Therefore, the following hypotheses are proposed:
Hypothesis 3.
JC moderates the relationship between SDF and ER, such that there will be a stronger positive relationship when JC is high.
Hypothesis 4.
The positive indirect effect of SDF on employee JS—via ER—is moderated by JC, so that the indirect effect is stronger when JC is high.
This study constructs a mechanism of the influence of SDF on employee JS and concludes that SDF affects employee JS through the mediating role of ER. It is also hypothesized that the mediating role of ER varies somewhat among individuals with different degrees of JC. A theoretical model of these ideas is shown in Figure 1.

3. Materials and Methods

3.1. Participants and Procedure

With the assistance of human resource managers, we randomly distributed questionnaires to 400 full-time employees from technology companies in northeast China online. Data were collected at the beginning of June 2021, and the return of the questionnaires was completed in July 2021. Samples were collected from different geographical regions of China, including the cities of Harbin, Beijing, Shenyang, Chongqing, and Fushun, for richer sampling. A critical incident methodology was used to test participants’ reactions to specific events in a general survey [49].
We collected data in two waves to greatly reduce the common method bias (CMB) [50]. At Time 1, the distributed questionnaires had three parts. The first part was a short introduction to the content of the questionnaire and the uses of the questionnaire data. The second part was mainly for control variables, intended for the preliminary screening of respondents and the collection of their basic information, such as their gender, age, education, and tenure. The third part was the main part of the questionnaire, which contained the measurement scales for three variables: SDF, ER, and JC. At Time 2, two weeks after the completion of the first questionnaire study, employees were asked to rate their JS.
The total number of questionnaires distributed at Time 1 was 400, and 361 questionnaires were collected.
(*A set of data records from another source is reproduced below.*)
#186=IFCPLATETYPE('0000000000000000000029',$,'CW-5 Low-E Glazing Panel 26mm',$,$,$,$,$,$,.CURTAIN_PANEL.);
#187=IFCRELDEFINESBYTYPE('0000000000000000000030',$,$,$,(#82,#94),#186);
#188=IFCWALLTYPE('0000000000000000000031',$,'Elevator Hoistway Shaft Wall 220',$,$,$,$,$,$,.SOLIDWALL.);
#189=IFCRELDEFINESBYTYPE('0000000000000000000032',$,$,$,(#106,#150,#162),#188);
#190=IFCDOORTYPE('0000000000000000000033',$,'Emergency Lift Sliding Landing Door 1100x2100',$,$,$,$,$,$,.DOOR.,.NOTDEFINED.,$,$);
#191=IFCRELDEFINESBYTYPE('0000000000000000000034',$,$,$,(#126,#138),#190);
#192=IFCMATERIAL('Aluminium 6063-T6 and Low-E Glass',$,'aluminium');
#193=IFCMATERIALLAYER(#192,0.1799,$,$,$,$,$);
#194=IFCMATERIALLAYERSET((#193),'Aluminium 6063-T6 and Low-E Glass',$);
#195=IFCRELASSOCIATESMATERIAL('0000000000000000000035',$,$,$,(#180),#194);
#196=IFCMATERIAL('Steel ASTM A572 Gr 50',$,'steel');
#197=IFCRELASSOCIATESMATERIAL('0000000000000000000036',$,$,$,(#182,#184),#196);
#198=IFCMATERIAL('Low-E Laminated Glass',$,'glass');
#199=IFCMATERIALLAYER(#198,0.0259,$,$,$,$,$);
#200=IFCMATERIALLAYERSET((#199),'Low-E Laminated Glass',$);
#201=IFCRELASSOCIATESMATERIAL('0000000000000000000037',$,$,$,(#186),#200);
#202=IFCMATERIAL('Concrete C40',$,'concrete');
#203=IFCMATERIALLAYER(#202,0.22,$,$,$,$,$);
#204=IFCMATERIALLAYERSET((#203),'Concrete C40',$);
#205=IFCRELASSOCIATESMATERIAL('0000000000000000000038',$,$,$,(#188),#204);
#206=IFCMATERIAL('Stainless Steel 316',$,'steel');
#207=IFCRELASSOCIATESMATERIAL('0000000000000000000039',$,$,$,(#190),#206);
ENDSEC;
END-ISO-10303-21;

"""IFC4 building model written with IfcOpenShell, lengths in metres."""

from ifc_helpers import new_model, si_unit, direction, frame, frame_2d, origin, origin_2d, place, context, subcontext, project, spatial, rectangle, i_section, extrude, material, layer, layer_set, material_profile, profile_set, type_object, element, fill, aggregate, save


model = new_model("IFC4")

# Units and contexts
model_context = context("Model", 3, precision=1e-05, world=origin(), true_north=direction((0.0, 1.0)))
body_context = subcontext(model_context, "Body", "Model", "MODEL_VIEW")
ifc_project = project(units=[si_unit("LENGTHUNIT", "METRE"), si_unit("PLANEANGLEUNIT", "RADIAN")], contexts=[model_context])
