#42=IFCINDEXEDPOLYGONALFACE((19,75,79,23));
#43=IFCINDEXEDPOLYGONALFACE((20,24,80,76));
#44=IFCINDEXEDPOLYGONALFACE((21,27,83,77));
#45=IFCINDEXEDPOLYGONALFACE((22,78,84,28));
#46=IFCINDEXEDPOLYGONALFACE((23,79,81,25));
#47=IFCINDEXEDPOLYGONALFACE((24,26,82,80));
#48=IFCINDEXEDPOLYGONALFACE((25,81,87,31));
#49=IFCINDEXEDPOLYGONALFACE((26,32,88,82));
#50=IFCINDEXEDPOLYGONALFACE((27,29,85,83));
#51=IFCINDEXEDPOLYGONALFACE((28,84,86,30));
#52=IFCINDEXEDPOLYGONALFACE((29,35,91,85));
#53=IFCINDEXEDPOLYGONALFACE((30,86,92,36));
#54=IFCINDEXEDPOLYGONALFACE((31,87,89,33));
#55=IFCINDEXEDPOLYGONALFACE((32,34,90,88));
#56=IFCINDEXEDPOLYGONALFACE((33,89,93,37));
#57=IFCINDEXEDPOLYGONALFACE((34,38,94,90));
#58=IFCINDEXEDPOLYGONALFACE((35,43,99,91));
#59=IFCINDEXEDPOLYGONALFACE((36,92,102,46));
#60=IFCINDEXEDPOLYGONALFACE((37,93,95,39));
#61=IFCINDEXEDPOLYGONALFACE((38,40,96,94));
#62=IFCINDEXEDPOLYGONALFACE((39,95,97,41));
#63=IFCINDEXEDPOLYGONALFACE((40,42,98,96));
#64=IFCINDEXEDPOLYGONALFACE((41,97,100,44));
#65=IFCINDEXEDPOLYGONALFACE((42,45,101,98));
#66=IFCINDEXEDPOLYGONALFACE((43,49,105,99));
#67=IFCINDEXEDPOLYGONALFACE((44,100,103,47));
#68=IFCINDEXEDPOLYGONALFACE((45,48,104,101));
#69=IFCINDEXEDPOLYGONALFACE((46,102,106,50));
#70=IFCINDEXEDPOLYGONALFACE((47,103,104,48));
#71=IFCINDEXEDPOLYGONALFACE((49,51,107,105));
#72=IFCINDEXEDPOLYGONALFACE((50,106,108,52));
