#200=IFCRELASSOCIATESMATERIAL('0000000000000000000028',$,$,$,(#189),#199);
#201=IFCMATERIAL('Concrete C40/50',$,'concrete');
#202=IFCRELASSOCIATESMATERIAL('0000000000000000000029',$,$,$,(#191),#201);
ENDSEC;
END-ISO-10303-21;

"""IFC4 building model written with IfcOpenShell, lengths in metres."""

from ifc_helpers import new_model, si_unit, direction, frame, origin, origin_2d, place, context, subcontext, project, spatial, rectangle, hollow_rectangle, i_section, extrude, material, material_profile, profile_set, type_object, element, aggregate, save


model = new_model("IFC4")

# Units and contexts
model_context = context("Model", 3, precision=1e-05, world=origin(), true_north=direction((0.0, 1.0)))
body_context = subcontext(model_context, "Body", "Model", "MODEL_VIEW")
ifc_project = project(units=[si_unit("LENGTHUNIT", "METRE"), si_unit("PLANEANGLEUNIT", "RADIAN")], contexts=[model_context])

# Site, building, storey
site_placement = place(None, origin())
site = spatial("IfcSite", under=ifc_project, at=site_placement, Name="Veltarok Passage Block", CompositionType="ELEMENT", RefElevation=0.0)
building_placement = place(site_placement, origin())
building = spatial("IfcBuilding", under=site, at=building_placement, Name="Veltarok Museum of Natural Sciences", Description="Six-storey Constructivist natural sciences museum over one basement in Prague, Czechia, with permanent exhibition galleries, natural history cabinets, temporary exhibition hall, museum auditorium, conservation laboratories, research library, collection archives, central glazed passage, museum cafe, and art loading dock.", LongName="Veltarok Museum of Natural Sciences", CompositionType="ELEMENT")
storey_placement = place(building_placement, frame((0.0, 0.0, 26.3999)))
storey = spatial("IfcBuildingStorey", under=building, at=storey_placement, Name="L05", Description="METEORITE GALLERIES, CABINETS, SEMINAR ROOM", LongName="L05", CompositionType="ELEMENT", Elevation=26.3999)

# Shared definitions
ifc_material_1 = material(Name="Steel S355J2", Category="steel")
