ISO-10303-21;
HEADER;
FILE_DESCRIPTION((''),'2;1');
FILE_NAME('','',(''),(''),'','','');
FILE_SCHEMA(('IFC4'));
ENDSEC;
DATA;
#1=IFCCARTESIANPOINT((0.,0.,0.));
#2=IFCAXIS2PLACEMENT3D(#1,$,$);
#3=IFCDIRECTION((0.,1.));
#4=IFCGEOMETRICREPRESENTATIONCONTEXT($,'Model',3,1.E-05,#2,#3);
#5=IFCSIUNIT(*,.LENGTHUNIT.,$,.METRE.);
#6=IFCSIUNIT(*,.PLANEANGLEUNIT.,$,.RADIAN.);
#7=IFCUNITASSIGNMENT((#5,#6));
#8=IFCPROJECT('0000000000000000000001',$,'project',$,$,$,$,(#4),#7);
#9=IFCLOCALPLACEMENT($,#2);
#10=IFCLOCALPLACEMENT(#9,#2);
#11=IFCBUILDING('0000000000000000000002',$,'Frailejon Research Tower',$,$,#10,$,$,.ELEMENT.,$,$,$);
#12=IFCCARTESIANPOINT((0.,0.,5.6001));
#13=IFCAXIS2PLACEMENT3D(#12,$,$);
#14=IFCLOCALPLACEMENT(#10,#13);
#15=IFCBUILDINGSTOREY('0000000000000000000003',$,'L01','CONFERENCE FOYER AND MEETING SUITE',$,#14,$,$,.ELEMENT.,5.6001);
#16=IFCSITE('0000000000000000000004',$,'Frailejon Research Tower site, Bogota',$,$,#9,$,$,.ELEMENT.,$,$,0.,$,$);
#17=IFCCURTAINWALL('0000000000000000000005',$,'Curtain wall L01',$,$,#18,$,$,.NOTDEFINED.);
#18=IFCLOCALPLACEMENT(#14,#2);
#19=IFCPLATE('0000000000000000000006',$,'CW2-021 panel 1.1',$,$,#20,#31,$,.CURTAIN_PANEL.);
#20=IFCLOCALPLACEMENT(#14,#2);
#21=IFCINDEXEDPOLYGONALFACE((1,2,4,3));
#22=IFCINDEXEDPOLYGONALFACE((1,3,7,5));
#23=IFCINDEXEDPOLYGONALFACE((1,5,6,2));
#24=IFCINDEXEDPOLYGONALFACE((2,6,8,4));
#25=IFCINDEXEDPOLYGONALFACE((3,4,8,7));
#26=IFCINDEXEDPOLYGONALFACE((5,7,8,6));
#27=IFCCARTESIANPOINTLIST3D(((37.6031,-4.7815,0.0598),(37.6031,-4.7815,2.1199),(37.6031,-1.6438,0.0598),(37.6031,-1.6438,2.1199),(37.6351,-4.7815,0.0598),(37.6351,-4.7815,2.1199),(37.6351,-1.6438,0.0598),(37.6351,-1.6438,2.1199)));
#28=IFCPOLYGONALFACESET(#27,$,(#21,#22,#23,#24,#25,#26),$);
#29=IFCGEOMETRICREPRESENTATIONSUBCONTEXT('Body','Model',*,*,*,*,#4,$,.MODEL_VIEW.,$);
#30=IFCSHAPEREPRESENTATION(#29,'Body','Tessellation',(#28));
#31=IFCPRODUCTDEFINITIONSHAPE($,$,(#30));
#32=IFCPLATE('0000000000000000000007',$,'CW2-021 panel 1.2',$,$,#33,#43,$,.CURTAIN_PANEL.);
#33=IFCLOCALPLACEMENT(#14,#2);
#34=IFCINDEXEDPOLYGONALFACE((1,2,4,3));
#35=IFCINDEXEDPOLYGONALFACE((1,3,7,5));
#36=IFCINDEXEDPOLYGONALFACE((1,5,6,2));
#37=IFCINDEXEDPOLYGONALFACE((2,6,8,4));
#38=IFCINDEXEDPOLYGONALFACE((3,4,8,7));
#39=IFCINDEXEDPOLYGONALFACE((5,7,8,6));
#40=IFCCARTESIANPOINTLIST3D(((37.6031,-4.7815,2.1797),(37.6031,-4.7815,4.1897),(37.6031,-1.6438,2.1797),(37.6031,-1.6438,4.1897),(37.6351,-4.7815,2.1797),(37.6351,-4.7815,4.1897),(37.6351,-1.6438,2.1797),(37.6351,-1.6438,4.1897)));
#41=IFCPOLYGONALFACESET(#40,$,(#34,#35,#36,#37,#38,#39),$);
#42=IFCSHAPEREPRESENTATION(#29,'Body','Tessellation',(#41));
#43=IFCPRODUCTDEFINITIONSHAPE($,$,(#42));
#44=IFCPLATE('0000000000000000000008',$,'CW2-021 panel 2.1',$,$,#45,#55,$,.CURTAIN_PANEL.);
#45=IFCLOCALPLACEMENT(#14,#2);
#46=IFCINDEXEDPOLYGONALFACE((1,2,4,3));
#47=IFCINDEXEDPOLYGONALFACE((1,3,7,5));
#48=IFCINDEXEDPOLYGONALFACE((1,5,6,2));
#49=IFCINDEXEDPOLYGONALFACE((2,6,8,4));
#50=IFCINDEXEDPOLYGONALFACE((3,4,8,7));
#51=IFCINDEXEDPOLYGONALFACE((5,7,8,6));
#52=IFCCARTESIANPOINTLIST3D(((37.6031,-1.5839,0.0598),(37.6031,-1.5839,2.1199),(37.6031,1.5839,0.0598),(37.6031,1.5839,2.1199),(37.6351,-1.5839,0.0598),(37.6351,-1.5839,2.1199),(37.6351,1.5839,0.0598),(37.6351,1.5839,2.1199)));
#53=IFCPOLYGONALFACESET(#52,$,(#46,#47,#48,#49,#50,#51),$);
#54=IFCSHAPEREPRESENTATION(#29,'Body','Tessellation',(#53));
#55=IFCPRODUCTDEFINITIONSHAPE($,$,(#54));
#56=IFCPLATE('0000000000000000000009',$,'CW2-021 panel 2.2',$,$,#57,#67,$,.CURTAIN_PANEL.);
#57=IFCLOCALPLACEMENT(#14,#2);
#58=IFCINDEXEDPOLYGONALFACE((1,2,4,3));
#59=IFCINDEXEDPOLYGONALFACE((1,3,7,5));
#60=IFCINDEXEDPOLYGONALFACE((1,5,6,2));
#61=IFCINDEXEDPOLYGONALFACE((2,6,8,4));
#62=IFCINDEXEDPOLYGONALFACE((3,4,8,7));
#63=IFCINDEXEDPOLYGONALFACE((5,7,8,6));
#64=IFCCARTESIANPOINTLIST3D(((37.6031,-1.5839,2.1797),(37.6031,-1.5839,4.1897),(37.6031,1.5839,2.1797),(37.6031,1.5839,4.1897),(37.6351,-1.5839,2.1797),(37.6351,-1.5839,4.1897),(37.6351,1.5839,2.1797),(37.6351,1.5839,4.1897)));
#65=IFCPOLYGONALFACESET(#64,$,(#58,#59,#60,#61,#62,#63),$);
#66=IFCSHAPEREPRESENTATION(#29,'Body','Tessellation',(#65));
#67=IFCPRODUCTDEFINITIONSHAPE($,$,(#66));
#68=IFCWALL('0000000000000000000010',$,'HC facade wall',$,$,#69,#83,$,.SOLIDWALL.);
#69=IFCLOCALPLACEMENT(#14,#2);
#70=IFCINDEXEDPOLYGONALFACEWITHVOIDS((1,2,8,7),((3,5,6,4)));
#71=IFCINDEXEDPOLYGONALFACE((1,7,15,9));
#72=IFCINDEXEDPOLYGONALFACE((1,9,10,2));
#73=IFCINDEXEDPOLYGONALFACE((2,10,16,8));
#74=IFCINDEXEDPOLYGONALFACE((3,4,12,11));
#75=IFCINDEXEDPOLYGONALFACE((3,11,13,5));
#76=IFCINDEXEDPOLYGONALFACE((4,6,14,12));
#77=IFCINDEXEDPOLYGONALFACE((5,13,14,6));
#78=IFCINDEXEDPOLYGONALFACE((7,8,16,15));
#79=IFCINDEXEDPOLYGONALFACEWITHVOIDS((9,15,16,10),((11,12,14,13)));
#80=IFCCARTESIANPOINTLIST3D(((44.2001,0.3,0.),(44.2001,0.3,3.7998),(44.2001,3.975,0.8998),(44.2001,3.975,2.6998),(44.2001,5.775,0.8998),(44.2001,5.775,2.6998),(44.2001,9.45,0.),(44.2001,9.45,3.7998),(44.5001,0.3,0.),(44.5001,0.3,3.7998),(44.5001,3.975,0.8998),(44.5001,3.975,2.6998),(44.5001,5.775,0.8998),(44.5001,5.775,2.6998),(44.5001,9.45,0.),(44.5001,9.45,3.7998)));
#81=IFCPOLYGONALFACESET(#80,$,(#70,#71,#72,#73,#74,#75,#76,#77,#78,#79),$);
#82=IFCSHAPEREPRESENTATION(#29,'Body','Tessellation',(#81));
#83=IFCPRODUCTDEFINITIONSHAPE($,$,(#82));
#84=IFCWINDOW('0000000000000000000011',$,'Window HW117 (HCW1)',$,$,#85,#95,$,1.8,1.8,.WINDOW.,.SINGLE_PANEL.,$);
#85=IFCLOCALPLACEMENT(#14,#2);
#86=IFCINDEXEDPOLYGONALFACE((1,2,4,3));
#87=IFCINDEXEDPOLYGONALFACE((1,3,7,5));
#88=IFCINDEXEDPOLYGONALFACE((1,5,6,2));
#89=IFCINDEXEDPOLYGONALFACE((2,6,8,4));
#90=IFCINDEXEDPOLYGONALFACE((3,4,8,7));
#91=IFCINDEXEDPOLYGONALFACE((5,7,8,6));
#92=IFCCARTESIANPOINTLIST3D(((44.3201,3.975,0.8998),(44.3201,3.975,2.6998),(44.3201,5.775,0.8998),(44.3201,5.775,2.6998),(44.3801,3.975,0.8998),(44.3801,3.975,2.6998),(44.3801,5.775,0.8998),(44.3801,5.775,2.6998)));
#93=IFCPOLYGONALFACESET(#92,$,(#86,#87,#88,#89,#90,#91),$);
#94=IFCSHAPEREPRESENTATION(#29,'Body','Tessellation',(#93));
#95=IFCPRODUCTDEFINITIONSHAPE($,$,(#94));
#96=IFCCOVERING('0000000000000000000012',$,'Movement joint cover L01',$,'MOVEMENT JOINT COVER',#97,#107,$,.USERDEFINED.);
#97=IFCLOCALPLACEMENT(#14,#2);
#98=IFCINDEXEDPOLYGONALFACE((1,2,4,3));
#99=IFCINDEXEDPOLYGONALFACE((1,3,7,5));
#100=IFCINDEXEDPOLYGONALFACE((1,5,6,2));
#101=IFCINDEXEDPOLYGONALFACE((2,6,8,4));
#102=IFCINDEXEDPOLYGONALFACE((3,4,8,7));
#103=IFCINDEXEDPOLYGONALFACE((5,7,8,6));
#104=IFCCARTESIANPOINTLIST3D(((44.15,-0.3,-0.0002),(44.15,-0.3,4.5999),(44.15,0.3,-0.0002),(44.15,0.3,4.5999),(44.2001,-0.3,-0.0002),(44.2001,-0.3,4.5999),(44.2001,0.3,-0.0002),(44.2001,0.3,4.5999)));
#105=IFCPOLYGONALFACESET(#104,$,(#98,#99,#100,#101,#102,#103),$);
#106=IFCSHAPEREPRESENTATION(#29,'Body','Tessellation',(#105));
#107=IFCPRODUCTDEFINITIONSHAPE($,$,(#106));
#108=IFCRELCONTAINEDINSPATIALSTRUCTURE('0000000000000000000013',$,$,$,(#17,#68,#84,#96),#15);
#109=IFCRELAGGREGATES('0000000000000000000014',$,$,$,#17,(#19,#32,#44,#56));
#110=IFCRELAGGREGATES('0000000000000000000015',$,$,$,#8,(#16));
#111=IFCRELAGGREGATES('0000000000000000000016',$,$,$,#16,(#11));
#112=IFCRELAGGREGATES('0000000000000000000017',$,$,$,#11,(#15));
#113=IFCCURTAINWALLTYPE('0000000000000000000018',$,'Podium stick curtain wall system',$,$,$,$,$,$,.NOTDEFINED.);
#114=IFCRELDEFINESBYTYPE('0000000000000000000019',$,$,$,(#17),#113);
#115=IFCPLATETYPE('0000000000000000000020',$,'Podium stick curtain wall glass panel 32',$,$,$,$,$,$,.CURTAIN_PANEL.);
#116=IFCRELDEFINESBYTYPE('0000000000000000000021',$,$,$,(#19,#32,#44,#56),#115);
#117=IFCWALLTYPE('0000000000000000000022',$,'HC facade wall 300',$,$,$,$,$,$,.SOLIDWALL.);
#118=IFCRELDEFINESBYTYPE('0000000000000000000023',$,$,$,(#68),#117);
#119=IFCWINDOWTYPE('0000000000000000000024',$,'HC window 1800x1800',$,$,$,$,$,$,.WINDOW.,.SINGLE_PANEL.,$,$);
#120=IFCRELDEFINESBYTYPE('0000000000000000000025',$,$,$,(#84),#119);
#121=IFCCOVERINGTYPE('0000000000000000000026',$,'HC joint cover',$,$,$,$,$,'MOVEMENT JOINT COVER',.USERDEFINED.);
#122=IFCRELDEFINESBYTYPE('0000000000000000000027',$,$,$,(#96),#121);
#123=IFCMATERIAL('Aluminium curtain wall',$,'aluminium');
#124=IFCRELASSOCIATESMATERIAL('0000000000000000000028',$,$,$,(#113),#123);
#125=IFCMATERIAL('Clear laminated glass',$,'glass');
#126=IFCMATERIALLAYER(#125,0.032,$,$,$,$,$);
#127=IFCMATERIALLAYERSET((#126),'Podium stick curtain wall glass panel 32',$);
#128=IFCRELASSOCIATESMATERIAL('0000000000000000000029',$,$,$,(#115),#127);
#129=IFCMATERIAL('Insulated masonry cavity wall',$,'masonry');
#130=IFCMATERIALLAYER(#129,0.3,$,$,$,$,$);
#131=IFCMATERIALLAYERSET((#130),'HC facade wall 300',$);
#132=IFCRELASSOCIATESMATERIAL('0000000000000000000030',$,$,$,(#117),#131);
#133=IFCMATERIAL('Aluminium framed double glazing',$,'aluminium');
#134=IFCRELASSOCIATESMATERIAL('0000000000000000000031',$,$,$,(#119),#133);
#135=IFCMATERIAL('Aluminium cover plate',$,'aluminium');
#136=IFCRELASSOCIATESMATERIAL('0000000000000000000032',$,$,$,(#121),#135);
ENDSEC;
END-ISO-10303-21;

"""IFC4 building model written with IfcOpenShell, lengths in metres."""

from ifc_helpers import new_model, si_unit, direction, frame, frame_2d, origin, origin_2d, place, context, subcontext, project, spatial, rectangle, extrude, material, layer, layer_set, type_object, element, fill, aggregate, save


model = new_model("IFC4")

# Units and contexts
model_context = context("Model", 3, precision=1e-05, world=origin(), true_north=direction((0.0, 1.0)))
body_context = subcontext(model_context, "Body", "Model", "MODEL_VIEW")
ifc_project = project(units=[si_unit("LENGTHUNIT", "METRE"), si_unit("PLANEANGLEUNIT", "RADIAN")], contexts=[model_context])

# Site, building, storey
site_placement = place(None, origin())
site = spatial("IfcSite", under=ifc_project, at=site_placement, Name="Frailejon Research Tower site, Bogota", CompositionType="ELEMENT", RefElevation=0.0)
building_placement = place(site_placement, origin())
building = spatial("IfcBuilding", under=site, at=building_placement, Name="Frailejon Research Tower", CompositionType="ELEMENT")
storey_placement = place(building_placement, frame((0.0, 0.0, 5.6001)))
storey = spatial("IfcBuildingStorey", under=building, at=storey_placement, Name="L01", Description="CONFERENCE FOYER AND MEETING SUITE", CompositionType="ELEMENT", Elevation=5.6001)

# Curtain wall, plates
ifc_material_1 = material(Name="Aluminium curtain wall", Category="aluminium")
curtain_wall_type = type_object("IfcCurtainWallType", Name="Podium stick curtain wall system", PredefinedType="NOTDEFINED", material=ifc_material_1)
curtain_wall_placement = place(storey_placement, origin())
curtain_wall = element("IfcCurtainWall", 1, at=curtain_wall_placement, inside=storey, type_object=curtain_wall_type, Name="Curtain wall L01", PredefinedType="NOTDEFINED")
ifc_material_2 = material(Name="Clear laminated glass", Category="glass")
ifc_layer_1 = layer(ifc_material_2, 0.032)
ifc_layer_set_1 = layer_set([ifc_layer_1], Name="Podium stick curtain wall glass panel 32")
plate_type = type_object("IfcPlateType", Name="Podium stick curtain wall glass panel 32", PredefinedType="CURTAIN_PANEL", material=ifc_layer_set_1)
plate_1_placement = place(storey_placement, frame((37.6191, -3.2126, 0.0598), z_axis=(0.0, 0.0, 1.0), x_axis=(0.0, 1.0, 0.0)))
plate_1 = element("IfcPlate", 2, at=plate_1_placement, type_object=plate_type, Name="CW2-021 panel 1.1", PredefinedType="CURTAIN_PANEL", context=body_context, shape_type="SweptSolid", body=[
    extrude(rectangle(XDim=3.1377, YDim=0.032, at=origin_2d()), origin(), (0.0, 0.0, 1.0), 2.0601),
])
plate_2_placement = place(storey_placement, frame((37.6191, -3.2126, 2.1797), z_axis=(0.0, 0.0, 1.0), x_axis=(0.0, 1.0, 0.0)))
plate_2 = element("IfcPlate", 3, at=plate_2_placement, type_object=plate_type, Name="CW2-021 panel 1.2", PredefinedType="CURTAIN_PANEL", context=body_context, shape_type="SweptSolid", body=[
    extrude(rectangle(XDim=3.1377, YDim=0.032, at=origin_2d()), origin(), (0.0, 0.0, 1.0), 2.01),
])
plate_3_placement = place(storey_placement, frame((37.6191, 0.0, 0.0598), z_axis=(0.0, 0.0, 1.0), x_axis=(0.0, 1.0, 0.0)))
plate_3 = element("IfcPlate", 4, at=plate_3_placement, type_object=plate_type, Name="CW2-021 panel 2.1", PredefinedType="CURTAIN_PANEL", context=body_context, shape_type="SweptSolid", body=[
    extrude(rectangle(XDim=3.1677, YDim=0.032, at=origin_2d()), origin(), (0.0, 0.0, 1.0), 2.0601),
At Time 2, questionnaires were distributed to subjects who completed the questionnaires at Time 1, and 307 questionnaires were recovered. The researchers matched the two questionnaires and finally synthesized the complete questionnaires. After excluding the questionnaires that were obviously not carefully completed, in which there were missing data, or questionnaires that could not be matched, 296 valid questionnaires remained, and the valid questionnaire recovery rate was 74.00%. The basic information of the sample is shown in Table 1. The proportion of male employees and female employees in the valid sample was the same; in terms of education, those with bachelor’s degrees accounted for the highest proportion of 59.12% of the valid sample; those aged 26–35 were in the majority, accounting for 63.44%; and those with less than five years of service were in the majority, accounting for 56.08% of the valid sample.

3.2. Measurement

All scales used in this study were derived from previous research published in reputable journals, guaranteeing their accuracy. Standard translation and back-translation processes were used to translate the measurement items utilized in English into Chinese [51]. Two bilingual doctoral students were chosen to translate the English questionnaire into Chinese, and later, one lecturer and two doctoral students were selected to translate the Chinese questionnaire back into English. After completing these steps, 10 employees from different companies were asked to participate in a pre-survey to ensure the accuracy of the questionnaire’s language. The wording of the questionnaire was appropriately modified to avoid distortion to ensure that it matched the expression habits of employees. A classic 5-point Likert scale was used (1 = strongly disagree; 5 = strongly agree) in the survey questionnaire, and all materials were presented in Chinese.
SDF: We used the three-item scale developed by Zhou [13] to identify SDF. Sample items included: “While giving me feedback, my supervisor focuses on helping me to learn and improve”, and “My supervisor provides me with useful information on how to improve my job performance”. The Cronbach’s alpha was 0.84.
ER: ER was measured using the six-item scale developed by Smith et al. [52]. A sample item read: “I usually come through difficult times with little trouble”. The Cronbach’s alpha was 0.83.
JC: JC was measured by the three-item scale adapted from Shaw and Gupta [53]. Sample items included: “My job requires a high level of skill”, and “My job requires a lot of mental effort”. The Cronbach’s alpha was 0.72.
JS: This variable was measured using the scale developed by Liu et al. [54], which includes 3 items, some of which were: “In conclusion, I am satisfied with my job”, and “In general, I like working here”. In the present study, the Cronbach α coefficient of this scale was 0.88.
Control variables. Previous studies have shown that age, organizational tenure, gender (0 = female, 1 = male), and education (1 = have a junior college degree or below, 2 = have a bachelor’s degree, 3 = have a master’s degree, and 4 = have a doctoral degree) could potentially influence employee perceptions and behaviors [55,56,57]. Therefore, the above variables were controlled for in this study.

4. Results

4.1. Analytical Strategy and Preliminary Analysis

The study used SPSS 26.0 and Mplus 7.4 for statistical analysis. First, validation factor analysis was used to test the construct validity, and descriptive statistics and stratified regression analysis were performed to test the hypotheses with the help of SPSS 26.0 software. To ensure the credibility of the results, the mediating effects and moderated mediating effects were tested with the help of the PROCESS plug-in using bootstrapping.
The results of the validation factor analysis are shown in Table 2. The fit indices of the four-factor model were better than those of the other factor models (χ2 = 102.98, df = 48, χ2/df = 2.15, CFI = 0.97, TLI = 0.96, RMSEA = 0.06, SRMR = 0.05). It is evident that there is good discriminant validity among the variables in this study.
Since SDF, ER, JC, and JS are self-rated by employees, CMB may exist. In this study, the severity of the CMB deviation was tested using Harman’s one-way method. The results indicated that the first factor explained only 29.56% of the variance, and the problem of CMB in this study was acceptable.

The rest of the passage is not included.